As Underling, Robert Saoud channels his inner Eric Blore—the seriously droll, perennial butler/valet in countless film comedies—and perhaps his inner Jacques Cousteau as well, in a series of spit-takes played perfectly with Kerry Dowling’s Margaret-Dumont-inspired Mrs. Tottendale. You can see the set-up coming from miles away: in a nod to Prohibition, Mrs. T. declares the code word for “vodka” will be “ice water,” and then asks for ice water, expecting the real thing. But that’s part of the fun—knowing what’s coming, and then being surprised by the play’s take on it.

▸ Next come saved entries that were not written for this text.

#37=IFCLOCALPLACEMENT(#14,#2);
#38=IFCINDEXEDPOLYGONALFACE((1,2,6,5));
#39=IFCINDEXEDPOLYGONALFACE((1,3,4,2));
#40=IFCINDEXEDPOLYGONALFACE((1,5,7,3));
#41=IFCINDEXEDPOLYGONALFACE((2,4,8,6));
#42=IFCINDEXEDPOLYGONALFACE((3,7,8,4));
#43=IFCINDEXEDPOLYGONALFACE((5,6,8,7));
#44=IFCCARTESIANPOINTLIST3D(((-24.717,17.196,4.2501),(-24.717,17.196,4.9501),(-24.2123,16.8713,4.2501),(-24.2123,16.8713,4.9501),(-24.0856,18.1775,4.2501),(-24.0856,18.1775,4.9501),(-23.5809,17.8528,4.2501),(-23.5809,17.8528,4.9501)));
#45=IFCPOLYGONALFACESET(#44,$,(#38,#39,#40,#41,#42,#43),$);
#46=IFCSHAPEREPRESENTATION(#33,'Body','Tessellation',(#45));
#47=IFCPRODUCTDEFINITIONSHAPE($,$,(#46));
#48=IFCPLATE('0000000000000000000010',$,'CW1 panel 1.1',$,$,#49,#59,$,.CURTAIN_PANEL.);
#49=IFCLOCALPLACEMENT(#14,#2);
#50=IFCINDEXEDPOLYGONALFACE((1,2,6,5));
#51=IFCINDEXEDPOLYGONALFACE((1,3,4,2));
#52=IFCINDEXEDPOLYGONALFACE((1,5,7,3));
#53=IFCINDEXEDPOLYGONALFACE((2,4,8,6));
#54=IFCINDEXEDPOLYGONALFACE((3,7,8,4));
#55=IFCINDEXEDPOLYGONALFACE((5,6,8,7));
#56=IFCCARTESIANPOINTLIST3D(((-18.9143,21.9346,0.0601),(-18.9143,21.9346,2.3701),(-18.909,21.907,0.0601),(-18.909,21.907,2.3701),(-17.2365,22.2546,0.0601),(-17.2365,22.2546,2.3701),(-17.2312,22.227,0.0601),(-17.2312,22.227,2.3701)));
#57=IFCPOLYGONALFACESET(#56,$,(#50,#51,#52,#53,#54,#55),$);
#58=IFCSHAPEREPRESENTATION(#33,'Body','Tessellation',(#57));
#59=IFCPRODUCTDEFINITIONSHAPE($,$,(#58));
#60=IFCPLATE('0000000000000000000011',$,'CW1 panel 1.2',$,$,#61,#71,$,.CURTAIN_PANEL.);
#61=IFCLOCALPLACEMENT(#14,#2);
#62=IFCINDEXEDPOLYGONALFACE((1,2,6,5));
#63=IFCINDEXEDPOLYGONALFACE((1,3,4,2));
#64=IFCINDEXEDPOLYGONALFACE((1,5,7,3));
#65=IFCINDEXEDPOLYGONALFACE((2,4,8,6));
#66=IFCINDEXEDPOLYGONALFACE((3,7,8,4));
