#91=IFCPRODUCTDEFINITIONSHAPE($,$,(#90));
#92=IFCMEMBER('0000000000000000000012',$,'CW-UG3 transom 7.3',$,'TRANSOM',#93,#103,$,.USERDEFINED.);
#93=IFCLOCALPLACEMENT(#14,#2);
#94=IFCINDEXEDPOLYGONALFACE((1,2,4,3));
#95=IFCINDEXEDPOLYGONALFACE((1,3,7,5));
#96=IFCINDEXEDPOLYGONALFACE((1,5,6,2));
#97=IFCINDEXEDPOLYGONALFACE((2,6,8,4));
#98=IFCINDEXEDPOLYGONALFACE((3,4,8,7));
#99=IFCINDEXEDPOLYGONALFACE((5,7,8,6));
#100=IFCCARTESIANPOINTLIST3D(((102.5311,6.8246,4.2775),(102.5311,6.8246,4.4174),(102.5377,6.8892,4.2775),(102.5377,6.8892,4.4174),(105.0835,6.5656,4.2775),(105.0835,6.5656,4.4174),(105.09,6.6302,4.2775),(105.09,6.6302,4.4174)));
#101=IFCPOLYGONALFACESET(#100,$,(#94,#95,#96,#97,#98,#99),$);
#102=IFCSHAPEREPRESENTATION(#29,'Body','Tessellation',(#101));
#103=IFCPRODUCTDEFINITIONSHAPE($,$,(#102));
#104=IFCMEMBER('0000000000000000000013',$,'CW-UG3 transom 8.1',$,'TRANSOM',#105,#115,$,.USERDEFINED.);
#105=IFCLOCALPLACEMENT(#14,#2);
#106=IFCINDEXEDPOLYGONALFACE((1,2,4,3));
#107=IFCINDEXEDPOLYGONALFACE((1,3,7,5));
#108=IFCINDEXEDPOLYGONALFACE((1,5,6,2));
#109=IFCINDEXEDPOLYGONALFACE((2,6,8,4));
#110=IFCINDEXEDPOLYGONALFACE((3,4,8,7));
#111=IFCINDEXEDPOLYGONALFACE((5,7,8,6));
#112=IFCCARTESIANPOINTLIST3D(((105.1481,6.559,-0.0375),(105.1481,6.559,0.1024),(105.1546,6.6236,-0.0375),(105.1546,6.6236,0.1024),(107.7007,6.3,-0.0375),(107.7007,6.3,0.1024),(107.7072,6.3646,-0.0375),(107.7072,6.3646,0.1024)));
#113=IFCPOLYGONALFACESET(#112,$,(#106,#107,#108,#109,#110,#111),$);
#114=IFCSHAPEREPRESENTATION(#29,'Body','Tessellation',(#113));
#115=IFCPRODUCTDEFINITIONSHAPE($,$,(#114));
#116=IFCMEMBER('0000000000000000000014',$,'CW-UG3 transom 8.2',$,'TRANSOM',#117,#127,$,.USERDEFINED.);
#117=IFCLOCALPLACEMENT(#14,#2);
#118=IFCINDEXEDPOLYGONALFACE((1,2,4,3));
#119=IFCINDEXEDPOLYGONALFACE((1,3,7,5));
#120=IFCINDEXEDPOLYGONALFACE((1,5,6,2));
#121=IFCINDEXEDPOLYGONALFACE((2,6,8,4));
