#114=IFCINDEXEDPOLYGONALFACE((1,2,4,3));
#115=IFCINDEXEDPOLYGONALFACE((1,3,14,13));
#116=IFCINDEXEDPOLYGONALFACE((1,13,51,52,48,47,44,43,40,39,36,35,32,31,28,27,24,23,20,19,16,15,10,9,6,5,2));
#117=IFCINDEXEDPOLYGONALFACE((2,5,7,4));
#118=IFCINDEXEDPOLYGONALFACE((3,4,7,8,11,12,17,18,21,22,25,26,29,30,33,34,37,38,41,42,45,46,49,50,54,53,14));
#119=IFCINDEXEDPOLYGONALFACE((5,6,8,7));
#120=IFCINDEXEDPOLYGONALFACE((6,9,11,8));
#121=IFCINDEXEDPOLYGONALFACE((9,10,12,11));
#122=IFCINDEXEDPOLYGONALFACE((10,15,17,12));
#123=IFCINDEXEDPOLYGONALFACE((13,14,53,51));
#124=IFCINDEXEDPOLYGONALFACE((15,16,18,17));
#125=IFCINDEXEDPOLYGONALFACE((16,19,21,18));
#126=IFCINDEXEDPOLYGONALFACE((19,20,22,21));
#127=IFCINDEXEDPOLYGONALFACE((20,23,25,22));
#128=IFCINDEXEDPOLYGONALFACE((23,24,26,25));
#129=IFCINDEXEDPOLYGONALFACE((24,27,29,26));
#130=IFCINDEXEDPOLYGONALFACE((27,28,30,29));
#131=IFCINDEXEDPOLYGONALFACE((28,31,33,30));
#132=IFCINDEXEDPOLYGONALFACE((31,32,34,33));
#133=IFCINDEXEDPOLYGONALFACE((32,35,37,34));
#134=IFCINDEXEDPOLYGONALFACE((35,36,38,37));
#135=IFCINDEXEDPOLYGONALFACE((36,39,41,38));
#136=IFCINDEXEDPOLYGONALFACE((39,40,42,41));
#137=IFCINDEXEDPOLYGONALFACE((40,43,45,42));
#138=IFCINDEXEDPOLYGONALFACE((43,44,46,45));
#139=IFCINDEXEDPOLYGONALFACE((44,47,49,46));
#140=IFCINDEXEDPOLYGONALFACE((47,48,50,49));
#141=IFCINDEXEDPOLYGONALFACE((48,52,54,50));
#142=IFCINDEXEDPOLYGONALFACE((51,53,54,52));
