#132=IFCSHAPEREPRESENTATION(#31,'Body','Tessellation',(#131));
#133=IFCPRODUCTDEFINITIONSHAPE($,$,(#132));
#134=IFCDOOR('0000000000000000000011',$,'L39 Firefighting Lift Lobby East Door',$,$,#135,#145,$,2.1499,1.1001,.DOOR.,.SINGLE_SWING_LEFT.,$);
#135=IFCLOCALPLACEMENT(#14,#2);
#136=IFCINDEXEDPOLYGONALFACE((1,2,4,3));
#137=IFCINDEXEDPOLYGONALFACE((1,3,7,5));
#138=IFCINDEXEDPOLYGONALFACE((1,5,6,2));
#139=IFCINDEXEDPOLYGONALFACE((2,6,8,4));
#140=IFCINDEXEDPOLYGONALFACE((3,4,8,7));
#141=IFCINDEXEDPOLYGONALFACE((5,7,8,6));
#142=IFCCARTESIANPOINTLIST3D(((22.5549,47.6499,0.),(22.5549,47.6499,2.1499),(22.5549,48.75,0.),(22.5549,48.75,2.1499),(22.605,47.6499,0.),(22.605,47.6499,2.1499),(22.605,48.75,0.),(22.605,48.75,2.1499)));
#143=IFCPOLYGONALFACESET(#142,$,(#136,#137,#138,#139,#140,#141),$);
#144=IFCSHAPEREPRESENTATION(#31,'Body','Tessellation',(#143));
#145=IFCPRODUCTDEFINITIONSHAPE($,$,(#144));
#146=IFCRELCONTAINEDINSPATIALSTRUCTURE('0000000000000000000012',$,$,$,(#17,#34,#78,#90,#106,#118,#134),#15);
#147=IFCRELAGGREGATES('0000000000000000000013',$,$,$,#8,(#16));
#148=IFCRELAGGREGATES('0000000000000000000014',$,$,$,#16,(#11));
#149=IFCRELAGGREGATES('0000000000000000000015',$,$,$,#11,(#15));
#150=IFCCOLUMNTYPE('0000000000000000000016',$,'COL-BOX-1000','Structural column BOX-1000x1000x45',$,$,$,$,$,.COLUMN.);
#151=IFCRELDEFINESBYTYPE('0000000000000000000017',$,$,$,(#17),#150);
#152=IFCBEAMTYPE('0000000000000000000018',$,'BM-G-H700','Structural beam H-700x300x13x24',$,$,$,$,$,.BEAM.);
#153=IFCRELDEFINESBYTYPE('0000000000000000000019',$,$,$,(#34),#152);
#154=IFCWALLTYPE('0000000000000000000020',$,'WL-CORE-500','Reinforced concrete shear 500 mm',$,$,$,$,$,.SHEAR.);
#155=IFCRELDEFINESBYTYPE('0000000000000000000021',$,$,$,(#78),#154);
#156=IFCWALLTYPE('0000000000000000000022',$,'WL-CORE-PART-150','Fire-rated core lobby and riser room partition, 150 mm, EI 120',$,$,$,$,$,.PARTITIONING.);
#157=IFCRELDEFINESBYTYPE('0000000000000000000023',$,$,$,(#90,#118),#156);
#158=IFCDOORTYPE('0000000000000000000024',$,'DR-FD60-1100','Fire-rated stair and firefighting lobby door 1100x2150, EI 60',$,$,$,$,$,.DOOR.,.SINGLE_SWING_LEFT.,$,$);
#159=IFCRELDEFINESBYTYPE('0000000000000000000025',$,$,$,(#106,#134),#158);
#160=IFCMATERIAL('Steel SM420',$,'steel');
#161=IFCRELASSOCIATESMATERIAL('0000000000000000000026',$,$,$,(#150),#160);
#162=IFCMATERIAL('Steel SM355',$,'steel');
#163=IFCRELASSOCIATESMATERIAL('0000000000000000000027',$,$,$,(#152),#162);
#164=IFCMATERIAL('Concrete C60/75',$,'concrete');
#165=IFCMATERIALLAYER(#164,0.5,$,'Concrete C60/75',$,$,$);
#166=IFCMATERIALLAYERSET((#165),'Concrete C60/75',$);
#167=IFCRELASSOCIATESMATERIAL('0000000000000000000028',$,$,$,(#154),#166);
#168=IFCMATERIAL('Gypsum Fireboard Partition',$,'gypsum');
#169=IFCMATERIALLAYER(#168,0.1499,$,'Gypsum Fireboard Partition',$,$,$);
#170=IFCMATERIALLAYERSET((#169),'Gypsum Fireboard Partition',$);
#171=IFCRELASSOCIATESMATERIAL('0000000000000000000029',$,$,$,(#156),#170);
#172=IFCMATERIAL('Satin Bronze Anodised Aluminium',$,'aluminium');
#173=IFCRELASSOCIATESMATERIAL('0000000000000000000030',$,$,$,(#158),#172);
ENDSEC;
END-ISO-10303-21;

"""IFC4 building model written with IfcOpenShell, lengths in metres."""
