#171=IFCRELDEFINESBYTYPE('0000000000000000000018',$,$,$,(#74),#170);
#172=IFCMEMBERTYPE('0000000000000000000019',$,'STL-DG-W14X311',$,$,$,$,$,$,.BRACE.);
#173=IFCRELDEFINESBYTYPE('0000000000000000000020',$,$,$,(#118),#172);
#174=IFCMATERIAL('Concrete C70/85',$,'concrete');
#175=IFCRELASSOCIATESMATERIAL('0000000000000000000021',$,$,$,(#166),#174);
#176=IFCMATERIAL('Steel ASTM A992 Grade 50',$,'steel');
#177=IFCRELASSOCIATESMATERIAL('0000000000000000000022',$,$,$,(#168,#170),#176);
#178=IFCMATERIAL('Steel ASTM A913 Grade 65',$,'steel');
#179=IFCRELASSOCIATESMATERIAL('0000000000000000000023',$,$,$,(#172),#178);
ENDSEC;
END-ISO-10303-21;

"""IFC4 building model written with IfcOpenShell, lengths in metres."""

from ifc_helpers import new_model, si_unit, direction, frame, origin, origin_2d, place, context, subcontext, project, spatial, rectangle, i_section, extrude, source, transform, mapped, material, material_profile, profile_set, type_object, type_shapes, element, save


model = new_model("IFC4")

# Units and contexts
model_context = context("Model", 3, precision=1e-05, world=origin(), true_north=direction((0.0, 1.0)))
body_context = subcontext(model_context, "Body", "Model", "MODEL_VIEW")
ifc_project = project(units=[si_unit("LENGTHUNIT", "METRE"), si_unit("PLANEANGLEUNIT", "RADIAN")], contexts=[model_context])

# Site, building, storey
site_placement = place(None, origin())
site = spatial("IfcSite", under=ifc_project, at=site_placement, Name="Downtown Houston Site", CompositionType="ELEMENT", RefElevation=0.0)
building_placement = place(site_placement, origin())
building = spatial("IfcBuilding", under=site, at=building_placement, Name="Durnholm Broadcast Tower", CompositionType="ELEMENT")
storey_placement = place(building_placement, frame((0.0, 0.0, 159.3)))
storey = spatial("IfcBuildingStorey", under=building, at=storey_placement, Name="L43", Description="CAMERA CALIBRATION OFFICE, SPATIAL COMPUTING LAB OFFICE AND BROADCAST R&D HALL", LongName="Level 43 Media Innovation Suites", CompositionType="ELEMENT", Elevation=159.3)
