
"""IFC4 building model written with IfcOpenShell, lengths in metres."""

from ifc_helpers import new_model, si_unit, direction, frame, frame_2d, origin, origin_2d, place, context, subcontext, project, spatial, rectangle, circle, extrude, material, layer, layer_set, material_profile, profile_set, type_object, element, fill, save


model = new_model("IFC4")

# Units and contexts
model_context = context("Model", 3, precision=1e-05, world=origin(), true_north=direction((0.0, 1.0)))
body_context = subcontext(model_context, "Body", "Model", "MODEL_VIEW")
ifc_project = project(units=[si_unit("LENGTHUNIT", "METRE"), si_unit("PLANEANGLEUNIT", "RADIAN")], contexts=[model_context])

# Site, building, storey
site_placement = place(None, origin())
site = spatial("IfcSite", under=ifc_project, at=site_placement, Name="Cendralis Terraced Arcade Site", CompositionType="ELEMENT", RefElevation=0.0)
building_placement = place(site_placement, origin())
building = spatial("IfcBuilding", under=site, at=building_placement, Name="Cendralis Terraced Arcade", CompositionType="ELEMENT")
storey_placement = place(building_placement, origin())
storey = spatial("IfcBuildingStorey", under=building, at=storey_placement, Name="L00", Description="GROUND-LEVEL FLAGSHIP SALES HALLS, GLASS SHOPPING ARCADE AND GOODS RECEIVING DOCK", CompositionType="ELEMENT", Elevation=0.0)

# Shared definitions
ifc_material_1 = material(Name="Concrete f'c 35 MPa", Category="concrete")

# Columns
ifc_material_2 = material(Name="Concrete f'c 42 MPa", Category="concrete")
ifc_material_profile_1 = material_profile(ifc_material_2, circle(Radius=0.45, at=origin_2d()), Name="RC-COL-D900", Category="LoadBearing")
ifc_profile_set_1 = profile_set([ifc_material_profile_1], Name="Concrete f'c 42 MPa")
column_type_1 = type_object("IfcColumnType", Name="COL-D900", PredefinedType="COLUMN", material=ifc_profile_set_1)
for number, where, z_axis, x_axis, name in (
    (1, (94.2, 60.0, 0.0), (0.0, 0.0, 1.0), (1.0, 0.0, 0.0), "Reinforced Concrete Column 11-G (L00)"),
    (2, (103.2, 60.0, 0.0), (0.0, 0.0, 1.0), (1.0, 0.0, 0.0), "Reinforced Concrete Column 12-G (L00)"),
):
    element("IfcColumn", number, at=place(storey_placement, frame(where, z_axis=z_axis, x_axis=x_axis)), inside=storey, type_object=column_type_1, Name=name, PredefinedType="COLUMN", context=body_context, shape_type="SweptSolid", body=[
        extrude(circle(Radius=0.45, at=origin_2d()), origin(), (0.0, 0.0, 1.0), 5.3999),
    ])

Man in Chair is played by Will McGarrahan with just the right mix of glee (the joy he takes in the musical) and prickliness (anger whenever the world, in the form of a ringing telephone, intrudes). In a challenging directorial move that’s smoothly executed, the musical’s action stops whenever Man in Chair answers the phone, uses the bathroom, or most often, comments on the show within the show and the fictional actors playing its characters. He gives us the dish on the demise of the actor who played the egotistical Aldolpho—half-eaten by his own poodles—and on Beatrice Stockwell/Drowsy Chaperone’s penchant for “rousing anthems.” The preening, caped lover ends up seducing the wrong bride, and it’s a joy to watch Thomas Derrah wring all the comic juice out of the role, especially in his scenes with the impeccable Karen MacDonald, who also gives a hilarious double reading to “As We Stumble Along” as both the chaperone and the scene-stealing, anthem-loving Beatrice Stockwell. The chance to see these two expert Boston-area actors together is the icing on the (wedding) cake.
In other highlights, David Christensen as Robert and Brian Swasey as George turn in an admirable tap dance to “Cold Feets”; Sarah Drake manages to make the squeaky-voiced, airhead Kitty adorably appealing, and McCaela Donovan is a lively, saucy Janet, especially in her big number, “Show Off”—where she unconvincingly kisses off the theater life she’s about to ditch for marriage. That and the surreal “Bride’s Lament” are two of the funniest songs in the witty score, which captures both the cheese and the charm of the 1920s musical while playing to a 21st-century sense of satire. And mention must be made of the SpeakEasy show’s costumes—the finale offers designer Seth Bodie the chance to dazzle us with not one but four different gorgeous bridal outfits.
As the musical reaches its happy ending and he’s back to “real life,” Man in Chair wonders sadly why it can’t be more like the theater. The Drowsy Chaperone entertainingly makes the same point Preston Sturges made in his great 1941 movie about movies, Sullivan’s Travels: we need entertainment—comedy, music—to get us through life, as we stumble along.
Evelyn Rosenthal is a singer specializing in jazz and Brazilian music, a freelance editor, and the former editor in chief and head of publications at the Harvard Art Museums. She writes about musical theater and music for the Arts Fuse.